Where I'm seeing that some transaction is being reported as invalid. However, I have no way of knowing what exactly about the transaction is invalid.

  • Is it the structure of the transaction?
  • Is it its values?
  • Are the signatures perhaps invalid?
  • Was it rejected by the node or by some logic in the RPC?
  • Is the gas provided invalid?
  • Is it something about the bytecode of the contract that we're deploying?

I think that many of these questions can be answered by us keeping the logs from the nodes that we run in hopes of the RPC or node logs shining more light on what exactly is the issue with the transaction so we can fix it.

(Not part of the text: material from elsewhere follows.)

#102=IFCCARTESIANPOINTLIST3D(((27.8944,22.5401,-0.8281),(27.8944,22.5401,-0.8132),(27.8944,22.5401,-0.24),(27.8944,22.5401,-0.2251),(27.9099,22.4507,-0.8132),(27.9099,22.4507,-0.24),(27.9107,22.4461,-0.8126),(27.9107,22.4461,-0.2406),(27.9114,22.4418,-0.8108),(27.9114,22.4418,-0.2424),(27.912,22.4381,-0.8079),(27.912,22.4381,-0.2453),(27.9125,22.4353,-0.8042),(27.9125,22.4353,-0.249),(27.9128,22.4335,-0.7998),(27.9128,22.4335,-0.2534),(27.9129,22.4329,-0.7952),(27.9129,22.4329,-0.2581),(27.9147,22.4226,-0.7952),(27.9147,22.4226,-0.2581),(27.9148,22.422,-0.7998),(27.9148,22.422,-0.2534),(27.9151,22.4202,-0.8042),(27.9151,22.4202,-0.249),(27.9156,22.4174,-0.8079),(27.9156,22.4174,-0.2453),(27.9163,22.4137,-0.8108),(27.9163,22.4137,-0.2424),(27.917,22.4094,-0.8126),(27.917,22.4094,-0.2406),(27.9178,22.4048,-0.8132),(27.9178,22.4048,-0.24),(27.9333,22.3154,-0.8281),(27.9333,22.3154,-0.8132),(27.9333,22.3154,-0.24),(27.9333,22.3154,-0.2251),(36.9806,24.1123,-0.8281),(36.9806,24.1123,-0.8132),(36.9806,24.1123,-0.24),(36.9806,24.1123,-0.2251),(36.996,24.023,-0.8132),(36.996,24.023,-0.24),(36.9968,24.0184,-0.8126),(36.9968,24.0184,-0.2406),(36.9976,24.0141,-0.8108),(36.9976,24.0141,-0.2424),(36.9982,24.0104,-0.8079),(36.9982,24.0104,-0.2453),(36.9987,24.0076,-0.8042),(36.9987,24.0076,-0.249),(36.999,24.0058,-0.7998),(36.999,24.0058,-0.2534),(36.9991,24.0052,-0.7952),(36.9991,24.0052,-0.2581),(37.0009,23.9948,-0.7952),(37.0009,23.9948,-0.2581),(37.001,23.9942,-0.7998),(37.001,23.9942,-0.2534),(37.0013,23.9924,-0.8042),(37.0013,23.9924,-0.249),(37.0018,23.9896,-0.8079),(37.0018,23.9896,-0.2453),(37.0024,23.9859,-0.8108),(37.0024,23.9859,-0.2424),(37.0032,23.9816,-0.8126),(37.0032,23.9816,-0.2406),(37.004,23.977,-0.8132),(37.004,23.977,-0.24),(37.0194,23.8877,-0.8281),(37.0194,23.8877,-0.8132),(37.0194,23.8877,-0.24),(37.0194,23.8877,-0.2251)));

In the initial version of this PR all I did was that I piped stdout and stderr of the std::process::Command that we're spawning to a file in hopes of getting those logs. From that point, any kind of "readiness" check that we would perform would be done on the file and its content rather than on stdout or stderr. But, I discovered that the logs are not getting flushed to the file immediately. Additionally, std::process::Command::kill will not send the appropriate signals to the program that it should flush its stdout and stderr to the file and therefore these logs would be lost.

Thus, I switched to using the subprocess crate which allows for the processes to be gracefully terminated through the subprocess::Popen::terminate function and therefore allows for the logs to be flushed to the file.

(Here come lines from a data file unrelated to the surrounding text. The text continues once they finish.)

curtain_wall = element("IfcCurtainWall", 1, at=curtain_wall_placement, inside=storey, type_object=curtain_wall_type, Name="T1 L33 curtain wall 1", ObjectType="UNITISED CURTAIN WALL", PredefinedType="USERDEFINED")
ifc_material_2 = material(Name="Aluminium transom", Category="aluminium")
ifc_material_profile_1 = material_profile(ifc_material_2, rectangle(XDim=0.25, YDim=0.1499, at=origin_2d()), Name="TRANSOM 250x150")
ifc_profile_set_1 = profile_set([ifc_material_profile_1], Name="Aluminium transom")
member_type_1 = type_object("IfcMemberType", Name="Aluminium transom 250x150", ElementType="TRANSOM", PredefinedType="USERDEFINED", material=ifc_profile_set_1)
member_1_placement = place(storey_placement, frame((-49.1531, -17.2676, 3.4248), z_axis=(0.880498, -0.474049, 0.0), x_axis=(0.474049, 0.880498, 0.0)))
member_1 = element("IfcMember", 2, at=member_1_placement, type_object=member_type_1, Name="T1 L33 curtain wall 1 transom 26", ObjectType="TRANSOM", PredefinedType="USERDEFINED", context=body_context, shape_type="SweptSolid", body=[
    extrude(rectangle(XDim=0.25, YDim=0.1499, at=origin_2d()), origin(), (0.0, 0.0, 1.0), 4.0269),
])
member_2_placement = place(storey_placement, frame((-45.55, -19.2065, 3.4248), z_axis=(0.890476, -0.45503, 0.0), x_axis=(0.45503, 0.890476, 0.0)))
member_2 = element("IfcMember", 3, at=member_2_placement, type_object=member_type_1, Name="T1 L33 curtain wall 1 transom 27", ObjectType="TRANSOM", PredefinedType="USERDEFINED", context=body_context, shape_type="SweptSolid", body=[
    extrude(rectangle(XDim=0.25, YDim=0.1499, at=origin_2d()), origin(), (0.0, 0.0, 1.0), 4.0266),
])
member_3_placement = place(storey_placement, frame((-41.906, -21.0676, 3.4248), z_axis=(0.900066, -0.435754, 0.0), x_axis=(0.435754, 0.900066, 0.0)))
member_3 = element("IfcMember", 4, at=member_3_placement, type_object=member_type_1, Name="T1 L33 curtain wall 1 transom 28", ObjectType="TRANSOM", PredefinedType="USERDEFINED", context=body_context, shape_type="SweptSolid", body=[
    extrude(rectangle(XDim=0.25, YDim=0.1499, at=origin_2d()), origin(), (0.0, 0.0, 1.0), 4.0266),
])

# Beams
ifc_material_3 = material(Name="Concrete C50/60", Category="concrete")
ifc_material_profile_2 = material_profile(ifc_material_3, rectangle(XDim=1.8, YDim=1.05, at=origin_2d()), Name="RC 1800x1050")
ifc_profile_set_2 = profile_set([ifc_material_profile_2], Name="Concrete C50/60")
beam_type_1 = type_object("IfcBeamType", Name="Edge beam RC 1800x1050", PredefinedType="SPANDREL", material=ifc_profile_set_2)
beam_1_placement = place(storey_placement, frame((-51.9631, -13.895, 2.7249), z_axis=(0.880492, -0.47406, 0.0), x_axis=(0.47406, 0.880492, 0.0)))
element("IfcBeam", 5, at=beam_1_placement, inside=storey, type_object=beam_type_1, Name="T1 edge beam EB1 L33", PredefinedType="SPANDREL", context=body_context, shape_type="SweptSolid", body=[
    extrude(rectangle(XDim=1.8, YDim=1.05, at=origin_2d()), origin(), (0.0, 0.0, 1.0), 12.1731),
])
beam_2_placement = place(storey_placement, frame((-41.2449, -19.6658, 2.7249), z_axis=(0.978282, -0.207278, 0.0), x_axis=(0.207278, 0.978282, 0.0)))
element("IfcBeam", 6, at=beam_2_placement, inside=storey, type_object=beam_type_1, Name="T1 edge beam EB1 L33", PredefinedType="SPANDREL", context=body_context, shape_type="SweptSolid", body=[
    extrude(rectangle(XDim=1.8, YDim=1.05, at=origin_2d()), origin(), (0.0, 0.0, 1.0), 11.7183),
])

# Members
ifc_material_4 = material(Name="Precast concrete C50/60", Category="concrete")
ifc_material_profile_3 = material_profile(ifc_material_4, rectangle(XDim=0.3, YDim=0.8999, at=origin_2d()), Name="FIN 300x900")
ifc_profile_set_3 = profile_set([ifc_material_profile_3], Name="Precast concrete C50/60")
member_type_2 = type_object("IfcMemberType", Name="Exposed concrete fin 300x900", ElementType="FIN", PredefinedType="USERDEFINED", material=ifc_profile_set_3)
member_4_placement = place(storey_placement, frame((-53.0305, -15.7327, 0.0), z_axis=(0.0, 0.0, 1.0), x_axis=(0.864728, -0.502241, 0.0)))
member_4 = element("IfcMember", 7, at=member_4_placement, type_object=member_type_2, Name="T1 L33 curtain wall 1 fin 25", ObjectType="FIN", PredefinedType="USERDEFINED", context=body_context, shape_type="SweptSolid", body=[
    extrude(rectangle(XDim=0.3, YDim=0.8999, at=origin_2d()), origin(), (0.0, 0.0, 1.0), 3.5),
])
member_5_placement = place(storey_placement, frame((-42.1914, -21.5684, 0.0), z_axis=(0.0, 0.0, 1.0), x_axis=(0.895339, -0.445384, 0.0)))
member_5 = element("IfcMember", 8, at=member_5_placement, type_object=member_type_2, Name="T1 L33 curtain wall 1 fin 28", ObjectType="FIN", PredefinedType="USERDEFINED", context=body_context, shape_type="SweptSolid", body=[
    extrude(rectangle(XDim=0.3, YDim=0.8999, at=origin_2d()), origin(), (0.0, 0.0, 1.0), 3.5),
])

So, the changes made in this PR are:

  • Added the tracing::instrument macro to all of the functions that the nodes have. This is important as we want to be able to look at the logs and say "This TX failure happened on node 5, let's look at the logs for node 5". So, it allows us to link together the logs and errors with the nodes on which they happened to allow for better debugging.
  • All of the processes that we start for the node have their stdout and stderr piped to a file.
  • We've changed to using subprocess for the processes that we spawn in order to be able to gracefully terminate the processes and collect their logs and avoid any issues with flushing.

With this change, I've already been able to get more useful logs to help me in debugging the above (which I plan on fixing in a future PR), which is the following log:

2025-07-12 19:13:38.836 DEBUG tokio-runtime-worker runtime::revive: try_into_checked_extrinsic: gas_price: 5000000, encoded_len: 1944 actual_fee: 19441617794180 eth_fee: 25000000    
2025-07-12 19:13:38.836 DEBUG tokio-runtime-worker runtime::revive: eth fees 25000000 too low, actual fees: 19441617794180    
2025-07-12 19:13:38.840 ERROR tokio-runtime-worker sc_service::task_manager: Essential task `txpool-background` failed. Shutting down service.    

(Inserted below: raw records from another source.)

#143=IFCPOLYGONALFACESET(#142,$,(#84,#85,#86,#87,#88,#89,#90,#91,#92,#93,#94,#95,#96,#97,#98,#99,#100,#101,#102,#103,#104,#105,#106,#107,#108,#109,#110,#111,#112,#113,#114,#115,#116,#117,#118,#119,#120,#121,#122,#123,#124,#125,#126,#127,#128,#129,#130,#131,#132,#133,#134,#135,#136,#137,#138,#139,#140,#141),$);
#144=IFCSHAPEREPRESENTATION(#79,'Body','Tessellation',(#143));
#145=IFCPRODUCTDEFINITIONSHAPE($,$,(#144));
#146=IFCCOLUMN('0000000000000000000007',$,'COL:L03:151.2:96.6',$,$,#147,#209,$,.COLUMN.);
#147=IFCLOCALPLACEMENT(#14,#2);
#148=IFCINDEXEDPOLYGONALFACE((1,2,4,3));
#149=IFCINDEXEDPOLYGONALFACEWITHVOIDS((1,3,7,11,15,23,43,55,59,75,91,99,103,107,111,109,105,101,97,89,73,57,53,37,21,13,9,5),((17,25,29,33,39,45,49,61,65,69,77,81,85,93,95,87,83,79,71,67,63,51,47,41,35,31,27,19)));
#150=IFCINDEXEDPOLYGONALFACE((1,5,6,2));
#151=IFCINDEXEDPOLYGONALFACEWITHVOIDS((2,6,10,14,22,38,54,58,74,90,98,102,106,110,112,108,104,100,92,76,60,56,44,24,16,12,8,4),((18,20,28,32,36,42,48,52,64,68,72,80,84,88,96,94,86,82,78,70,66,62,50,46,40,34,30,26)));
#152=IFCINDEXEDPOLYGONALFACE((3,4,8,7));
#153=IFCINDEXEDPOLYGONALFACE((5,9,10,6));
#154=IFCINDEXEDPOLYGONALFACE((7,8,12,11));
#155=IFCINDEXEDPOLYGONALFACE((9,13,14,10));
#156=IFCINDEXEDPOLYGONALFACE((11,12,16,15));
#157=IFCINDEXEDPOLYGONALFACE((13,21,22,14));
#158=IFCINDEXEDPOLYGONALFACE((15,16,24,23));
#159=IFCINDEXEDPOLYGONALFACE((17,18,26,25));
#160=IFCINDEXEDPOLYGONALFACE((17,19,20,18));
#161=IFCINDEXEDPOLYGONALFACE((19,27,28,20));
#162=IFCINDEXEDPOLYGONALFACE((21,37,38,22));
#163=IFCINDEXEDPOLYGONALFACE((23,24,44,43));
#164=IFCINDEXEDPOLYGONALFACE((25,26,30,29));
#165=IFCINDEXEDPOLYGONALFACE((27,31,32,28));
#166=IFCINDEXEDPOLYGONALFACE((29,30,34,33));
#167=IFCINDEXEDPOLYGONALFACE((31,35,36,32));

Which make it clear that the above transaction that was failing was actually failing due to the gas not being enough for the execution.

Copy link
Member

@xermicus xermicus left a comment

Choose a reason for hiding this comment

The reason will be displayed to describe this comment to others. Learn more.

Good idea, this helps debugging

Cargo.toml Outdated
"json",
"env-filter",
] }
subprocess = { version = "0.2.9" }
Copy link
Member

Choose a reason for hiding this comment

The reason will be displayed to describe this comment to others. Learn more.

This was last released 3 years ago. I'd prefer if we could just rawdog the std library for process management, I find it sufficient.

Copy link
Contributor Author

Choose a reason for hiding this comment

The reason will be displayed to describe this comment to others. Learn more.

I was primarily using subprocess as I found that it allows for a way to perform graceful termination of the processes which allows them to flush their stdout and stderr buffers to the files (std library doesn't allow for graceful termination at the moment and I encountered cases where the flushing never happens if we just kill the process).

I think another alternative would be for us to use the standard library for process management and then have some OS specific logic for terminating the processes (which is slightly more overhead). It could be something like:

#[cfg(target_os = "windows")]
fn shutdown() {
    // Code that uses the winapis to perform the graceful termination
}

#[cfg(target_family = "unix")]
fn shutdown() {
    // Code that uses the unix APIs to perform the graceful termination
}

So it seemed better to use subprocess since we need the graceful termination for the logs.

Copy link
Member

Choose a reason for hiding this comment

The reason will be displayed to describe this comment to others. Learn more.

It should be just a file handle which can be flushed.

On that note, should probably be wrapped in a bufwriter too.

Copy link
Member

@xermicus xermicus left a comment

Choose a reason for hiding this comment

The reason will be displayed to describe this comment to others. Learn more.

Thanks. I like it. Modulo the added subprocess dependency which is a bit of a thorn in my side. I'd appreciate if we could just use the stdlib.

@0xOmarA
Copy link
Contributor Author

0xOmarA commented Jul 14, 2025

@xermicus Thanks for approving! Yeah I will try to keep using std::process::Command before merging and will report back with the results.

@0xOmarA
Copy link
Contributor Author

0xOmarA commented Jul 14, 2025

Hey @xermicus, I have reverted the subprocess change and we now use std::process::Command for the processes that we spawn.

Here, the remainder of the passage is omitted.